Отряду сопровождения Ордынца было велено не заступать за ограду ханского дворца, а дожидаться снаружи. Впрочем, двух на вид придурковатых и нелепо одетых китайцев монголы всё же пропустили, но у порога остановили и их: «Зовшёрёдогю́й»[1].

Синь и Лянь в ответ на это ни плечами не пожали, ни бровьми не повели – и это был тревожный сигнал, ибо так они обычно изготавливались к драке. Но драки, к их досаде, не последовало. Как ни желали они найти повод, как ни стремились нарваться, к ним не то что бы пальцем никто не притронулся, а раскосым глазом никто на них не покосился. Здесь их, вообще, как будто не замечали – внимания обращали не больше, чем на два пустых места, – и здесь их второй раз в жизни (после фонарей под глаз от Ура и Яра) постигло удивление.

В Сарае им до этого бывать не доводилось, и всё им тут было в диковинку: строгость, запреты да такое количество разнообразных суеверий, какое им не встречалось даже на Московии. И эти огни, через которые нужно проходить, и этот порог, на который нельзя наступать, и этот периметр, у которого запрещено не только ходить, но и сидеть; и эти гигантские, как известный им Здоровяк, нукеры[2] у дверей из числа низкорослого, в целом, народа; и эта застывшая, столбовая тишина, в которой любое сказанное слово может оказаться последним – в таких условиях ты и вправду пустым местом начинаешь себя ощущать, не находишься, что делать и куда деться, и чувствуешь себя по меньшей мере глуповато. Пытаешься подстроиться, взбодриться, скрыть смущение за кривою усмешкой, но не выходит, и ты ощущаешь себя дураком ещё бóльшим.
-----------------------
[1] Не положено. (монгол.)
[2] Нукер – монгольский дружинный воин.

-----------------------
Китайцы захотели срочно убедиться, что не только с ними тут такое происходит, и подошли к нукерам. Стали изучать отборных гвардейцев вблизи. Взглянули на них через лупы округлившихся глаз и как будто в зеркало на себя посмотрели. Наблюдать свои отражения им стало скучно. Их закусила жёлтая тоска. И тогда, чтобы самоутвердиться, они принялись задирать вооружённых истуканов Хана и потешаться над их монументальной неподвижностью, карикатурно копируя их сторожевые позы и мраморное состояние лиц...

* * *

— Похоже, ты и в самом деле перестал понимать монгольский язык, — поддел царевича Хан вроде бы в шутку, но всё-таки больше всерьёз. — Как ты в таком случае команды выполнять собираешься?

Ордынец стоял будто в тумане.
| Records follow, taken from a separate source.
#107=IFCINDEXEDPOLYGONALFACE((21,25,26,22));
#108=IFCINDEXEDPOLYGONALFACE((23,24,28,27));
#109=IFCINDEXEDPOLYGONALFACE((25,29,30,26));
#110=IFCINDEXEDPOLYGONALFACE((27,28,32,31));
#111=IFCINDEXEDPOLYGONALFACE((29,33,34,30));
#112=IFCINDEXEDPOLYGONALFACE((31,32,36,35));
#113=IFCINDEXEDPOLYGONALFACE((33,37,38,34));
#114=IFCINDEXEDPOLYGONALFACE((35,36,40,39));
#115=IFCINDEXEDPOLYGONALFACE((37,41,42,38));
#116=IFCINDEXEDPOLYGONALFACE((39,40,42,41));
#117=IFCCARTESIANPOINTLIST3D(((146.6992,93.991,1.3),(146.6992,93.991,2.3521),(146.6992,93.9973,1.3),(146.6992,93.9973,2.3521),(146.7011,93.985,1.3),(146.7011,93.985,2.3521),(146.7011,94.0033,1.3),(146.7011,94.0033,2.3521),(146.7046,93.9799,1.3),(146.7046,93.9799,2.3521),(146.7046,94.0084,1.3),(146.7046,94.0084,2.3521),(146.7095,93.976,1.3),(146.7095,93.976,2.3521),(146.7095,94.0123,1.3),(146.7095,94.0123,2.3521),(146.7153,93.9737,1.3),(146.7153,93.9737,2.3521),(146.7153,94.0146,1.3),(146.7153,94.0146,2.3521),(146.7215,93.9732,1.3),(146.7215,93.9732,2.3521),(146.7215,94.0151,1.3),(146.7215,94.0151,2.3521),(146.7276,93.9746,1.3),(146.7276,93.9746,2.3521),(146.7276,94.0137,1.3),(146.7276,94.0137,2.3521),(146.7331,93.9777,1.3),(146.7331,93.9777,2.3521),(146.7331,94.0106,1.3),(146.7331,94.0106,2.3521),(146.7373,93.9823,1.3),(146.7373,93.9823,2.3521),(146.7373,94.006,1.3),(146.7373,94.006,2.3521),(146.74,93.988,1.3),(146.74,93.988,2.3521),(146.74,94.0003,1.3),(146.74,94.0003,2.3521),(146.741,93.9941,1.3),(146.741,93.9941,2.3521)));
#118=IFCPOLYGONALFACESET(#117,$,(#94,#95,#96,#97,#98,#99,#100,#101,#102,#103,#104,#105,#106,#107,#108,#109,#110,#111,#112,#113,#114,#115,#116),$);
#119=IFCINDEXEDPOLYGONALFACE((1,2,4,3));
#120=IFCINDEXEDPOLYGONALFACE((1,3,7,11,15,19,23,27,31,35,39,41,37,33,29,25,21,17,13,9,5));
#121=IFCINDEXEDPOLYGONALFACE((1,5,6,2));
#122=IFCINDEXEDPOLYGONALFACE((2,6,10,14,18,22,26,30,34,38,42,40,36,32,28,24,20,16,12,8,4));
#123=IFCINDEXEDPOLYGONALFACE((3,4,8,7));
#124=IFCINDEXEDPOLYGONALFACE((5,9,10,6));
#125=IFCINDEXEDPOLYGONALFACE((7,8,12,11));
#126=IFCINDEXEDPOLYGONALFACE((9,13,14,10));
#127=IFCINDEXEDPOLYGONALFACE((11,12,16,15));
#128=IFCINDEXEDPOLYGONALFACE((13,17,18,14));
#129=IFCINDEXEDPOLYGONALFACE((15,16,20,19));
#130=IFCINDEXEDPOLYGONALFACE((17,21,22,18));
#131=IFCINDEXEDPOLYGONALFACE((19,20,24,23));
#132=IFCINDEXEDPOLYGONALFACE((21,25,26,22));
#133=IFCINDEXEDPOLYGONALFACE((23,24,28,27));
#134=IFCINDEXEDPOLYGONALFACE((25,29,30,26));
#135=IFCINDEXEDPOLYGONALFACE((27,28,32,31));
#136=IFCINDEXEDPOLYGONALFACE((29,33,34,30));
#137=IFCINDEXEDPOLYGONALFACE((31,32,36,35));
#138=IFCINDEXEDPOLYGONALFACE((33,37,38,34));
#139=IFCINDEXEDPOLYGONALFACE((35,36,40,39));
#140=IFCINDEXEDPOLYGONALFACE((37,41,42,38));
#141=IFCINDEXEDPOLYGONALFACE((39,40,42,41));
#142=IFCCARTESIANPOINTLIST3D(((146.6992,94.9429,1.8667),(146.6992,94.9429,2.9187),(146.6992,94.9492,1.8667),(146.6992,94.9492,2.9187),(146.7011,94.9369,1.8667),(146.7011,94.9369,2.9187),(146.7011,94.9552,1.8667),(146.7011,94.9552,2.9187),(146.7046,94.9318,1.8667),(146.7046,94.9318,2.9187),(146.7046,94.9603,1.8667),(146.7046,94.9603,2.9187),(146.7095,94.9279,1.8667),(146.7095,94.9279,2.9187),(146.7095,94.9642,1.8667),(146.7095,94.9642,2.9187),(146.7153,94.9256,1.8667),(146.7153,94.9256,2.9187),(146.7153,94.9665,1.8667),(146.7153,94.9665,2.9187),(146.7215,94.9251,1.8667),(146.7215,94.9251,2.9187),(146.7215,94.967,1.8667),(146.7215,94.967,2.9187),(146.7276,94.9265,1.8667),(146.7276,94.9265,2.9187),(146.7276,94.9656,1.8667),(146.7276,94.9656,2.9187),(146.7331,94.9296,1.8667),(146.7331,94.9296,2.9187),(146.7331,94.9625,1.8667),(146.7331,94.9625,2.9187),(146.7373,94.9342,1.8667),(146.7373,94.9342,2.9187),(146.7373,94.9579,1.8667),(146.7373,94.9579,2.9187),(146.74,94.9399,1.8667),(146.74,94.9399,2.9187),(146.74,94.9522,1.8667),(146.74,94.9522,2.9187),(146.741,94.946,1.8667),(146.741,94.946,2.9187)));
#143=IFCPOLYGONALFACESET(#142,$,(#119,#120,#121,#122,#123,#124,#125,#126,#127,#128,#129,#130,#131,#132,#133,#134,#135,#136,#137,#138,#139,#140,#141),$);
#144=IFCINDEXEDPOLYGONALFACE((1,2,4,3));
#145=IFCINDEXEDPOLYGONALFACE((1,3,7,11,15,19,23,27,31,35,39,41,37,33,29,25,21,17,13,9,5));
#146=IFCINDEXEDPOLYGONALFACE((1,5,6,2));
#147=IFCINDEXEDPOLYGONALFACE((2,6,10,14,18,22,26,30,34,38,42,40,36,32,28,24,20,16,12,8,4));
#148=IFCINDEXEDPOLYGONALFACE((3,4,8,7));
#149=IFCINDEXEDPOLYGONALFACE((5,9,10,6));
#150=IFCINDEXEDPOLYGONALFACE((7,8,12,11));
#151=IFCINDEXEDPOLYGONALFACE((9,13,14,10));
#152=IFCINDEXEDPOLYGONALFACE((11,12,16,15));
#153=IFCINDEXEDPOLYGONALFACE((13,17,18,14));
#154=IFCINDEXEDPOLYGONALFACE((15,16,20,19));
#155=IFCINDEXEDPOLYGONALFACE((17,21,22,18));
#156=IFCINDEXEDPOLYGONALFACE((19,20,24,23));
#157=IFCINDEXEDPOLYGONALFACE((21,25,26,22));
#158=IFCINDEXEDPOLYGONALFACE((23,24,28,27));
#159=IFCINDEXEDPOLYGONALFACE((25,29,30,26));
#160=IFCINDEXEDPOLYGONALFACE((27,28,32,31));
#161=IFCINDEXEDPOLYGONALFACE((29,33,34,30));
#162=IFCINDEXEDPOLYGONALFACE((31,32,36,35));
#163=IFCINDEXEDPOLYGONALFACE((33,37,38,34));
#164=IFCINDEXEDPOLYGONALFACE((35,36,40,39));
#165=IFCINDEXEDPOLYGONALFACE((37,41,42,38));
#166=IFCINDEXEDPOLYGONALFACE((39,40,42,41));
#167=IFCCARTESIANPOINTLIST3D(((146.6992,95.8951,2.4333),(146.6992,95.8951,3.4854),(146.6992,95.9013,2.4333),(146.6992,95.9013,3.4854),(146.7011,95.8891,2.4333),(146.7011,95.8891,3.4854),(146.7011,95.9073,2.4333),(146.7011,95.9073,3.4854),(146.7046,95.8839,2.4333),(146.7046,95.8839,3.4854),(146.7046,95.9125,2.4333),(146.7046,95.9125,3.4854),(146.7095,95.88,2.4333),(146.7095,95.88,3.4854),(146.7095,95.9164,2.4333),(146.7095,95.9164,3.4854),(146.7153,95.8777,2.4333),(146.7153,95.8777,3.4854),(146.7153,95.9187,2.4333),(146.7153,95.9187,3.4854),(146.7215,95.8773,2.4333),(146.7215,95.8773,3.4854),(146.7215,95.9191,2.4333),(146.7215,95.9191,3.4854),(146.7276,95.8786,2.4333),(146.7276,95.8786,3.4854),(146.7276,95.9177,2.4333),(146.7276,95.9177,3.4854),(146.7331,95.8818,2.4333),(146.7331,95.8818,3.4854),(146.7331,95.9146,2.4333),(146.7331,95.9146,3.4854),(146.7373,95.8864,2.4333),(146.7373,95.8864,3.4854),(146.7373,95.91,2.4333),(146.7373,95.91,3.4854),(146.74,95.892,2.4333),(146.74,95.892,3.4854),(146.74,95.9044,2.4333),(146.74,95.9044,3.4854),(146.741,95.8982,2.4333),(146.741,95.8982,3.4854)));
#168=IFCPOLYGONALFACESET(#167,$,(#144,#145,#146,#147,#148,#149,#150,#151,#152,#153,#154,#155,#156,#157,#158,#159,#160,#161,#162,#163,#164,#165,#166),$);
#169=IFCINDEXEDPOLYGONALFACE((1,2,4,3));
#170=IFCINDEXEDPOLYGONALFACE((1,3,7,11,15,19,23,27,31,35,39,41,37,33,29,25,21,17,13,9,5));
Курево воняющих ложью и так сильно надымивших обстоятельств, казалось, совсем его одурманило.

— О каких командах говорит Великий Хан? — осторожно уточнил он.

— О боевых.

— Прости?..

— О командах чётких и ясных, подготовляющих и направляющих победоносную поступь наших конных лавин. О моих командах, Джучид, пропустить которые мимо ушей себе может позволить, разве что, отрубленная голова!

Намёк был слишком прозрачен, чтобы не углядеть за ним угрозы – и Ордынец поспешил прогнать наваждение встряской ещё живой головы, чтобы хоть как-то вернуть себе ясность мысли.

Лицо Хана – одно и то же лицо с тем забитым Поморянином – ничего общего с лицом Поморянина больше не имело. Это было лицо настоящего правителя, одно движение мускулов которого для мира значило больше, чем все переговоры послов. Оно раскалилось, точно сковородка. Из маленьких ноздрей чуть ли не огонь вываливался, а глаза искрились, как у поединщика от предвкушения долгожданного, но теперь такого близкого реванша: никто из его предшественников не смог – никто не смог, а он сможет! Он, именно он взыщет с Великого Новгорода за все их неудачи, которые им по какому-то недоразумению пришлось потерпеть. От моря до моря не было на земле силы, способной остановить монгольское войско. Все племена, народы, царства, империи, земли, начиная с рубежей Японии и Кореи и заканчивая южными берегами Дуная, знали об этом по собственным шишкам, а где-нибудь в Британии или Португалии пусть и не встречались с монголами лично, но, собирая тревожные сведения об участи соседей, держали ухо востро и нервно вздрагивали при одном упоминании о начале новых движений из сердца степей – Каракорýма[3]. Так монголами была растоптана Волжская Булгария, разбит Китай, стёрто с лица земли Тангутское царство и, как яйцо, надвое расколото царство Паган, захвачены земли Хорезма, залиты кровью Самарканд и Бухара, опустошена Индия, пройдены насквозь Сирия и Палестина, уложены под ноги Персия и Афганистан, приведены к покорности гордые государства Кавказа, разгромлены ополчения Венгрии и Польши, посажены на цепь дома владимирских и киевских князей, преданы огню все до единой волости урусов, не проявившие рабского почтения, а Новгород, какой-то занюханный Великий Новгород и его дерзкий прихвостень Псков удержались! Как такое могло быть и главное –  как такое может до сих пор оставаться?!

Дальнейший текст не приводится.